VLA support is mandatory in C99, optional in C11 and C18, and non-existent in strict C90.
Sparse arrays
If what you want is 'sparse array support', there is no built-in facility in C that will assist you. You have to devise (or find) code that will handle that for you. It can certainly be done; Fortran programmers used to have to do it quite often in the bad old days when megabytes of memory were a luxury and MIPS meant millions of instruction per second and people were happy when their computer could do double-digit MIPS (and the Fortran 90 standard was still years in the future).
You'll need to devise a structure and a set of functions to handle the sparse array. You will probably need to decide whether you have values in every row, or whether you only record the data in some rows. You'll need a function to assign a value to a cell, and another to retrieve the value from a cell. You'll need to think what the value is when there is no explicit entry. (The thinking probably isn't hard. The default value is usually zero, but an infinity or a NaN (not a number) might be appropriate, depending on context.) You'd also need a function to allocate the base structure (would you specify the maximum sizes?) and another to release it.
Most efficient way to create a dynamic index of an array is to create an empty array of the same data type that the array to index is holding.
Let's imagine we are using integers in sake of simplicity. You can then stretch the concept to any other data type.
The ideal index depth will depend on the length of the data to index and will be somewhere close to the length of the data.
Let's say you have 1 million 64 bit integers in the array to index.
First of all you should order the data and eliminate duplicates. That's something easy to achieve by using qsort() (the quick sort C built in function) and some remove duplicate function such as
uint64_t remove_dupes(char *unord_arr, char *ord_arr, uint64_t arr_size)
{
uint64_t i, j=0;
for (i=1;i<arr_size;i++)
{
if ( strcmp(unord_arr[i], unord_arr[i-1]) != 0 ){
strcpy(ord_arr[j],unord_arr[i-1]);
j++;
}
if ( i == arr_size-1 ){
strcpy(ord_arr[j],unord_arr[i]);
j++;
}
}
return j;
}
Adapt the code above to your needs, you should free() the unordered array when the function finishes ordering it to the ordered array. The function above is very fast, it will return zero entries when the array to order contains one element, but that's probably something you can live with.
Once the data is ordered and unique, create an index with a length close to that of the data. It does not need to be of an exact length, although pledging to powers of 10 will make everything easier, in case of integers.
uint64_t* idx = calloc(pow(10, indexdepth), sizeof(uint64_t));
This will create an empty index array.
Then populate the index. Traverse your array to index just once and every time you detect a change in the number of significant figures (same as index depth) to the left add the position where that new number was detected.
If you choose an indexdepth of 2 you will have 10² = 100 possible values in your index, typically going from 0 to 99.

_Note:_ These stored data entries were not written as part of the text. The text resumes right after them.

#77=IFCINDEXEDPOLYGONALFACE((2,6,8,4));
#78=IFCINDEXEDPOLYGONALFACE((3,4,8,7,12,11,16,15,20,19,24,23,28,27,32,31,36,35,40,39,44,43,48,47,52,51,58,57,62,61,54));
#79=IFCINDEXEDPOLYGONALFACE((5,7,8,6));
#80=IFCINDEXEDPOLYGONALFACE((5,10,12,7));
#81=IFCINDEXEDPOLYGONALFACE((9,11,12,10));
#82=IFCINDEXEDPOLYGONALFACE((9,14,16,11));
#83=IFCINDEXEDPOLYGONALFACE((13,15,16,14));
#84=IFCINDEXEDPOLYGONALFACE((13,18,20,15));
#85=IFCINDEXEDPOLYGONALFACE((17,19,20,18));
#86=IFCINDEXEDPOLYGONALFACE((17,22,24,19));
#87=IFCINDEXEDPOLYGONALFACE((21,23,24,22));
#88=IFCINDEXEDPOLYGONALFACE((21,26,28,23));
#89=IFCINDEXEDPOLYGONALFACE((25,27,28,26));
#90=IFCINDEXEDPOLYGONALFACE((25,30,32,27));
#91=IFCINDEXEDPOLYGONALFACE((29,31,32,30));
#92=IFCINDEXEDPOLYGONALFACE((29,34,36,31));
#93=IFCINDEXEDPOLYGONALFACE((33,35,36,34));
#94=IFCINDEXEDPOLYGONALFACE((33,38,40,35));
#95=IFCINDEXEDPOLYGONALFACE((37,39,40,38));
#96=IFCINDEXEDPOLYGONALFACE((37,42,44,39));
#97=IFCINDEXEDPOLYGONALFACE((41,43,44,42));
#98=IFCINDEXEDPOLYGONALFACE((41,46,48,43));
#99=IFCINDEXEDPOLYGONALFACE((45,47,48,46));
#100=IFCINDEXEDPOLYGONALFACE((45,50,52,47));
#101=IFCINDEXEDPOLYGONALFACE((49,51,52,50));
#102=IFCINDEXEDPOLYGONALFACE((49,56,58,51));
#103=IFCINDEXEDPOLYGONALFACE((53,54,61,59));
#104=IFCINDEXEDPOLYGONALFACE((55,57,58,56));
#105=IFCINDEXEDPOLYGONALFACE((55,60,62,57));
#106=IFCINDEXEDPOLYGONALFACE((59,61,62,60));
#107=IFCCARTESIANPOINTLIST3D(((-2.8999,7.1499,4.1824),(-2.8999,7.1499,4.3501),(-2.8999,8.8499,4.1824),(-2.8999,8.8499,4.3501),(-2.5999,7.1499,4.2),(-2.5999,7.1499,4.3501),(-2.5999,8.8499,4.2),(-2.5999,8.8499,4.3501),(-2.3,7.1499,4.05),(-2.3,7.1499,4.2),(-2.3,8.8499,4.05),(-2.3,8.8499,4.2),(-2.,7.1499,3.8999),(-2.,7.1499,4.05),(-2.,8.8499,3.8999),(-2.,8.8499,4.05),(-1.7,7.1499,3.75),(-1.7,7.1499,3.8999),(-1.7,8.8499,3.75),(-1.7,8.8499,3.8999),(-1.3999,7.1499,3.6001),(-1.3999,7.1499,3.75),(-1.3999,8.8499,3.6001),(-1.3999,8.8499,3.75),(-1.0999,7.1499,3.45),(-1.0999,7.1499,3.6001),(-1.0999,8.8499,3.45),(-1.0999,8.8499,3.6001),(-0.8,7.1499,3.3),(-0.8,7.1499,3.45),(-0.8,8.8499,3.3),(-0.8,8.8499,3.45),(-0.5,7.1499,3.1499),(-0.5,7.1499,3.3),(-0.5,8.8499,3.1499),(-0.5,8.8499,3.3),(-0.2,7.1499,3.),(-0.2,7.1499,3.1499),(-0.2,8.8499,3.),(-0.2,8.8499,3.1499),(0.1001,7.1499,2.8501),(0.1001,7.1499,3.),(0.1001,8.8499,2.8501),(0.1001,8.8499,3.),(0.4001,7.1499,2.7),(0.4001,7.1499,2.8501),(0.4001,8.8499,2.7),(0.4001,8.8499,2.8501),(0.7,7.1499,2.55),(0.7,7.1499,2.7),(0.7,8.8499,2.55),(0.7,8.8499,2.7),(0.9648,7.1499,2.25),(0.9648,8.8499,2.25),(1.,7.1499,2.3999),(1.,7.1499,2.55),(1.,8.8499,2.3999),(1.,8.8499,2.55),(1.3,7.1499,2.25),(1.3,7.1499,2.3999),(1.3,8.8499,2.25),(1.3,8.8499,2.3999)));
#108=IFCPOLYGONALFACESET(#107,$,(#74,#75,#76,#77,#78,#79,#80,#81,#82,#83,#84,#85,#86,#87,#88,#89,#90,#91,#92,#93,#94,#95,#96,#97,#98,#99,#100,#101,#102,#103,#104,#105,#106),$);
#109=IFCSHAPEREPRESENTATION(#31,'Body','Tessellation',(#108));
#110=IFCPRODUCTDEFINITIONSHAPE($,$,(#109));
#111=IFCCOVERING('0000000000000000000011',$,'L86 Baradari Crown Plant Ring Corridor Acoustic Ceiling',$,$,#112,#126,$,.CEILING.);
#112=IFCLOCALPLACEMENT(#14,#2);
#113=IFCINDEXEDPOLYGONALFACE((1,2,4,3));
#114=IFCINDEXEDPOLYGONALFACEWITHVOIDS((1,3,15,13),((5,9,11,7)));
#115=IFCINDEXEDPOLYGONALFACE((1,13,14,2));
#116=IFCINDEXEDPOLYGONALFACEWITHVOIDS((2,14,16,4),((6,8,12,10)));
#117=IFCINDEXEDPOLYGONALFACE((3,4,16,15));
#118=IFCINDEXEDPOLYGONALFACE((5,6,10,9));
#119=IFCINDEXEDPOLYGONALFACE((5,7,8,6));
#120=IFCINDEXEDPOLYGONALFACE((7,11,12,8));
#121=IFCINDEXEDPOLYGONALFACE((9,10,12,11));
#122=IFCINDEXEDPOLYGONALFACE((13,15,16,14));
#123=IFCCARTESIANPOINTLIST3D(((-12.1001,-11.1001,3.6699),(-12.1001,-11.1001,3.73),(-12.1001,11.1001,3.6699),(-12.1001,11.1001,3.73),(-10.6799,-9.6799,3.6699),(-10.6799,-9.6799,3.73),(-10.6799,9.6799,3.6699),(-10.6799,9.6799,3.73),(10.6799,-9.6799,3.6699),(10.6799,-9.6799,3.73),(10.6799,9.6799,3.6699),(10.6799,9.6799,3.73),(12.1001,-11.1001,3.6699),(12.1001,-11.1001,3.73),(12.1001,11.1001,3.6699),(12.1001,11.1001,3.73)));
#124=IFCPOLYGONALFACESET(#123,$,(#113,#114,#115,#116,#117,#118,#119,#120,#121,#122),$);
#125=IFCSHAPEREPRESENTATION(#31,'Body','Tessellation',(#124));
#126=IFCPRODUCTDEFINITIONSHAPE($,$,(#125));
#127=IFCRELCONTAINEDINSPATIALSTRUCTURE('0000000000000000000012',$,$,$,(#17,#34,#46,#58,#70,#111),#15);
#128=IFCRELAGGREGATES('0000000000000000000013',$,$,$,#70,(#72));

When you detect that some number starts by 10 (103456), you add an entry to the index, let's say that 103456 was detected at position 733, your index entry would be:
index[10] = 733;
Next entry begining by 11 should be added in the next index slot, let's say that first number beginning by 11 is found at position 2023
index[11] = 2023;
And so on.
When you later need to find some number in your original array storing 1 million entries, you don't have to iterate the whole array, you just need to check where in your index the first number starting by the first two significant digits is stored. Entry index[10] tells you where the first number starting by 10 is stored. You can then iterate forward until you find your match.

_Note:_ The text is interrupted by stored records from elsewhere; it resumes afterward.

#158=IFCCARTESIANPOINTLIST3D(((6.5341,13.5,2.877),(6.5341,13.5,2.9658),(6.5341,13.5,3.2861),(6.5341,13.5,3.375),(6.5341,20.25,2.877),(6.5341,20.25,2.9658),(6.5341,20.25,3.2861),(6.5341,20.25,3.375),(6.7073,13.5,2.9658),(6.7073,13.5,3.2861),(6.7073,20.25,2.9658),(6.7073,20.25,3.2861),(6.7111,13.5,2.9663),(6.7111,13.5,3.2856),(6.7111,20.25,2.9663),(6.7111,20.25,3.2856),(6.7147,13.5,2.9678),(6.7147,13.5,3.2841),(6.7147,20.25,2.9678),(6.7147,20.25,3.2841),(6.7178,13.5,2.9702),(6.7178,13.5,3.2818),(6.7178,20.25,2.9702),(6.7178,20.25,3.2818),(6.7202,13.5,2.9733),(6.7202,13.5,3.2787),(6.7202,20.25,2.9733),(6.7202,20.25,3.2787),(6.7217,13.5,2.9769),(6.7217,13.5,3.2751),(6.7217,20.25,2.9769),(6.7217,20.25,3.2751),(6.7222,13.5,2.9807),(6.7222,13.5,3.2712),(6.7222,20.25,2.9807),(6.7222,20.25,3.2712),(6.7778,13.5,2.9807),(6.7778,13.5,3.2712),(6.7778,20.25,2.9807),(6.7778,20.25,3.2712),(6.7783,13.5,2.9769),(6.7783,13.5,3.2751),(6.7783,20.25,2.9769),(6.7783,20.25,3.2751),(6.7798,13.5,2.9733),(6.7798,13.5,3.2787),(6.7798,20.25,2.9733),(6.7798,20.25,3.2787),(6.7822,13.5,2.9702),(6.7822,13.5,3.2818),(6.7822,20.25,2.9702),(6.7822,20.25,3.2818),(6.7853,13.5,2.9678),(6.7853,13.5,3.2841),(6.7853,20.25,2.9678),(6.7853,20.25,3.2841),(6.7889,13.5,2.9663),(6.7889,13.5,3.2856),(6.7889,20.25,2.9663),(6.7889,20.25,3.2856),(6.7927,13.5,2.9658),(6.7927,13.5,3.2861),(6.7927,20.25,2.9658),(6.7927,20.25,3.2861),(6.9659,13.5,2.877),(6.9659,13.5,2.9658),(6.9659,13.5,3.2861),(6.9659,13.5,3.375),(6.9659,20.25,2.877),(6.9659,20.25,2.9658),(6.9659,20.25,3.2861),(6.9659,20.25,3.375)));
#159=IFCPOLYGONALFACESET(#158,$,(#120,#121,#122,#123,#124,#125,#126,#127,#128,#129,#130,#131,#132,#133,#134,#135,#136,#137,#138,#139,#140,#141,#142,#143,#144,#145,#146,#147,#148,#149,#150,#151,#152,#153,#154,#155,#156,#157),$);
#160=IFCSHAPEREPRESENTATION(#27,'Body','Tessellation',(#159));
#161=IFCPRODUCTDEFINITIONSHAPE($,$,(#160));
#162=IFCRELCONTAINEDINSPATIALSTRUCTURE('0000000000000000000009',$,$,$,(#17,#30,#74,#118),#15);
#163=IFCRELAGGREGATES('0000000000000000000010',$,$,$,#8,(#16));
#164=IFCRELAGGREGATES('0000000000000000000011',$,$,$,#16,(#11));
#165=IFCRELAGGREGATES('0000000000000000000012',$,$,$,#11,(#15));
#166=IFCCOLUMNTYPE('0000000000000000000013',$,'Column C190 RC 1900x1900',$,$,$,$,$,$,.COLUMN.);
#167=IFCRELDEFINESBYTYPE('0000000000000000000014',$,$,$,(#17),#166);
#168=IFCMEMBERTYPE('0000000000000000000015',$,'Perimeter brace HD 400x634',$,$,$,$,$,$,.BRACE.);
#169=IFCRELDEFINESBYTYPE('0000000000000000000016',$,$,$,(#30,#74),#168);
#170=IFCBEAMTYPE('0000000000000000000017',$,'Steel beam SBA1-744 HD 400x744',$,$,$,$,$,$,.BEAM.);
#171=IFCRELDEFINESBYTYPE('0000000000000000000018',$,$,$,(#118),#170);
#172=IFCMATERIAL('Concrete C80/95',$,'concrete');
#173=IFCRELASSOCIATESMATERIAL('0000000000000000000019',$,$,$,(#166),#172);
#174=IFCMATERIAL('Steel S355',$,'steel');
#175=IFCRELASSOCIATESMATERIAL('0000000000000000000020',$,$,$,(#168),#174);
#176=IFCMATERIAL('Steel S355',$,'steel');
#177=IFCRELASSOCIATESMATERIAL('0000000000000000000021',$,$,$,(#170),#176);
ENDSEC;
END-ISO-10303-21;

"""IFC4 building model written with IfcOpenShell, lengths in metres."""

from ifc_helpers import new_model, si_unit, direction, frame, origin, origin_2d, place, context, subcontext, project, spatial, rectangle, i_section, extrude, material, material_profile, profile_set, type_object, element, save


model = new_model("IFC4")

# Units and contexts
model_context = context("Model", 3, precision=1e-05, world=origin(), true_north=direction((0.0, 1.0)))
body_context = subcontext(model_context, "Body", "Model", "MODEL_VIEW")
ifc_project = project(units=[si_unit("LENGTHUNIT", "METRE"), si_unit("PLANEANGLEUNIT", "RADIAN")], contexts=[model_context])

In my example I employed a small index, thus the average number of iterations that you will need to perform will be 1000000/100 = 10000
If you enlarge your index to somewhere close the length of the data the number of iterations will tend to 1, making any search blazing fast.

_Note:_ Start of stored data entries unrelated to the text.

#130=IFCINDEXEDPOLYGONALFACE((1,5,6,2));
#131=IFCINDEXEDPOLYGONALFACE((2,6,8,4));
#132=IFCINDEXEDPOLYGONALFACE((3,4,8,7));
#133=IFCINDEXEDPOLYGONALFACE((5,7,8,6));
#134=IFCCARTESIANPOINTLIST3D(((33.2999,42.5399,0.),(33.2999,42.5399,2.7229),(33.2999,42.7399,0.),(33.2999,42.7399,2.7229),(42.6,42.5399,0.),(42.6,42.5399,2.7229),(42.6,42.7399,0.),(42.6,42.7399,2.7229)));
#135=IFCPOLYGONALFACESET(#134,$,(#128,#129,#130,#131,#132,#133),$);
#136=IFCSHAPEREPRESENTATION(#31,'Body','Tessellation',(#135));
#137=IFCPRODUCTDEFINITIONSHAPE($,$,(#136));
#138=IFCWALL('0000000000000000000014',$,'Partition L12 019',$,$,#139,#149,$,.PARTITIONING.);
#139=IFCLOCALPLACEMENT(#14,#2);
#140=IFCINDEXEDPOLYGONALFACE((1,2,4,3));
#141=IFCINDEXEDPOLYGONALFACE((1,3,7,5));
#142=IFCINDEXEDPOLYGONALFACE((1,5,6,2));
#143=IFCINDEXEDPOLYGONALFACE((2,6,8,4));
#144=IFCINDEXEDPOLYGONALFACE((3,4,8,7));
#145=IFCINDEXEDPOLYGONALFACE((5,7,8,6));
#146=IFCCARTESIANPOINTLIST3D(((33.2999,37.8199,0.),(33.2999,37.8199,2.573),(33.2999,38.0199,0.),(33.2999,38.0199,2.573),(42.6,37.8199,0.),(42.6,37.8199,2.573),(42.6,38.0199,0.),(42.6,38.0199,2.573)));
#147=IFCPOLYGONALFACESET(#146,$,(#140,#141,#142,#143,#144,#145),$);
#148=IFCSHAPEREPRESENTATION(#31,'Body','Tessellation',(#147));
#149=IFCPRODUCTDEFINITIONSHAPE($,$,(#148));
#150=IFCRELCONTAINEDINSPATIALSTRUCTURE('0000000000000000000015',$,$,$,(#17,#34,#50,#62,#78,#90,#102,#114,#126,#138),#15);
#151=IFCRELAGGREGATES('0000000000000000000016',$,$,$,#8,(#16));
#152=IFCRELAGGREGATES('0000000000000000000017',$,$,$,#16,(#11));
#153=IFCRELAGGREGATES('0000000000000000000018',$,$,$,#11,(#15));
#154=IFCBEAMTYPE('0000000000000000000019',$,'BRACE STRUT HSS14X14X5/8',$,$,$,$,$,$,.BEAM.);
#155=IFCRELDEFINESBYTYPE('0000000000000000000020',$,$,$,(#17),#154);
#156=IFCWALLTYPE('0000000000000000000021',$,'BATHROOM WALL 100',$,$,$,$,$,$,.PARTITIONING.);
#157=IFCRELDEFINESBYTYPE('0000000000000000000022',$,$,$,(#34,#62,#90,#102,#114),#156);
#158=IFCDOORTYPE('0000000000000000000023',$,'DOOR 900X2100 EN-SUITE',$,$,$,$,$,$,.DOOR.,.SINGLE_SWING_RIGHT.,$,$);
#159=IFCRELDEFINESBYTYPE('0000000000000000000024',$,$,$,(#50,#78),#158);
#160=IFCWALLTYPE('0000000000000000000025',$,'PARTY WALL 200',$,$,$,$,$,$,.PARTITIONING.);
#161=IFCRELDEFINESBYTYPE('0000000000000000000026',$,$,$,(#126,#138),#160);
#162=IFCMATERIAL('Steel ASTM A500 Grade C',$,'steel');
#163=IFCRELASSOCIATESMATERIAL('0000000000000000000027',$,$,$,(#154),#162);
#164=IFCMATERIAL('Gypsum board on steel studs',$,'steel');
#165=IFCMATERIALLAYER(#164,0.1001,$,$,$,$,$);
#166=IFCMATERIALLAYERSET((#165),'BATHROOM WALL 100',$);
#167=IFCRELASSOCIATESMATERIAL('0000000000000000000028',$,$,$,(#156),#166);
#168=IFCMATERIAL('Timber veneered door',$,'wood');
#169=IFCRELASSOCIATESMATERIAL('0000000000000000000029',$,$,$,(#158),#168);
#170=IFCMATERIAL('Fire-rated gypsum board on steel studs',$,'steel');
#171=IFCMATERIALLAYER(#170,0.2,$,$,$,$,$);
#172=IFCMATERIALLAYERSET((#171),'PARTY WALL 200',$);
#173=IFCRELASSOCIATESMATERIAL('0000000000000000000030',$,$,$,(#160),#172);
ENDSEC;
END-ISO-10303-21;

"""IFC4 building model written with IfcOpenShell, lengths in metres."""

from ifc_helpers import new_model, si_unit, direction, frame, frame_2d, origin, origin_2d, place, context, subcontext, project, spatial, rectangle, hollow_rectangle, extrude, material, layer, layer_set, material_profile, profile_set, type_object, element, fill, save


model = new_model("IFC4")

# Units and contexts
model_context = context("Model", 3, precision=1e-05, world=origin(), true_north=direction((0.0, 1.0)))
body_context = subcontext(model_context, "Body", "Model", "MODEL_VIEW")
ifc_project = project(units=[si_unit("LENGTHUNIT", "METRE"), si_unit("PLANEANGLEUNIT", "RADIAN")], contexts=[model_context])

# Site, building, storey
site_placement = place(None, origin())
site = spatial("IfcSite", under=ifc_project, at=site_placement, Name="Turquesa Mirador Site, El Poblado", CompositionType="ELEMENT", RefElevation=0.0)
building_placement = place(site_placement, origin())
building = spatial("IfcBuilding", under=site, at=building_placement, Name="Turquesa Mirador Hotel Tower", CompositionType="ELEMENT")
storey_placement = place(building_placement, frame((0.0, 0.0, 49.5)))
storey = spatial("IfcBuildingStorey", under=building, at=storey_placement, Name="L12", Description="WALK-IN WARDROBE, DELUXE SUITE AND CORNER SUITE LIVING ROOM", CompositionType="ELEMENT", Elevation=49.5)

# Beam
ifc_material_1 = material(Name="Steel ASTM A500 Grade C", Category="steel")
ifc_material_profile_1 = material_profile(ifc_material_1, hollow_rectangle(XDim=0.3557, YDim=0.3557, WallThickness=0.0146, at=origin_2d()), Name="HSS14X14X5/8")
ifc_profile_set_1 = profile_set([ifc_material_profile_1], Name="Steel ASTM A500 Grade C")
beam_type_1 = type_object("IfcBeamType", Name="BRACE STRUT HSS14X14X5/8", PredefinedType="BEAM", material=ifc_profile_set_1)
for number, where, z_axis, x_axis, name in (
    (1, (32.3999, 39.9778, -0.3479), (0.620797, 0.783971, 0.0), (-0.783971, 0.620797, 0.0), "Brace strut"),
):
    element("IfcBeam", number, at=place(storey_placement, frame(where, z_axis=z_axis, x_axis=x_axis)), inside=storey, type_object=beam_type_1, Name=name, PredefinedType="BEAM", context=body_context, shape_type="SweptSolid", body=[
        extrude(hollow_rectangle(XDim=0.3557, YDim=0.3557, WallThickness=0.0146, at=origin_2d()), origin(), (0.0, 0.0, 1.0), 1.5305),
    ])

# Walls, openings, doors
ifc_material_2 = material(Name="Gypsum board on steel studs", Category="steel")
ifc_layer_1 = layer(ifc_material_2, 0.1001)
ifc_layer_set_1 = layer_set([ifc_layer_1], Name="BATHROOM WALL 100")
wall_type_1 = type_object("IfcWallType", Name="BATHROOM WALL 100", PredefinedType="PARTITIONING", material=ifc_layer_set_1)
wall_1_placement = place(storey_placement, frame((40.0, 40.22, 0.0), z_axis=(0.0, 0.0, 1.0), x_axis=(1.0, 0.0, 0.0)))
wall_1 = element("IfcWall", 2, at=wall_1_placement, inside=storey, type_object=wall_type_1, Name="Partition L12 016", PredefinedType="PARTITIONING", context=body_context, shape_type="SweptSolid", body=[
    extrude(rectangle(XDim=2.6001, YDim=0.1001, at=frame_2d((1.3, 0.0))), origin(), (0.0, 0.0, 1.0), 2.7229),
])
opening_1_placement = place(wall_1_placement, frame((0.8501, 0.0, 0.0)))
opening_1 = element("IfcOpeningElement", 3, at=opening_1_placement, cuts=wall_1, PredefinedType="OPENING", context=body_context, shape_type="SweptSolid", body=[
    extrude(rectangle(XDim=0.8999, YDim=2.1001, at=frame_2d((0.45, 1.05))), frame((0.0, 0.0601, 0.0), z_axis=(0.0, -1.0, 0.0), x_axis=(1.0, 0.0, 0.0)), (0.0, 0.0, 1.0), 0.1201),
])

What I like to do is to create some simple algorithm that tells me what's the ideal depth of the index after knowing the type and length of the data to index.
Please, note that in the example that I have posed, 64 bit numbers are indexed by their first index depth significant figures, thus 10 and 100001 will be stored in the same index segment. That's not a problem on its own, nonetheless each master has his small book of secrets. Treating numbers as a fixed length hexadecimal string can help keeping a strict numerical order.
You don't have to change the base though, you could consider 10 to be 0000010 to keep it in the 00 index segment and keep base 10 numbers ordered, using different numerical bases is nonetheless trivial in C, which is of great help for this task.
As you make your index depth become larger, the amount of entries per index segment will be reduced
Please, do note that programming, especially lower level like C consists in comprehending the tradeof between CPU cycles and memory use in great part.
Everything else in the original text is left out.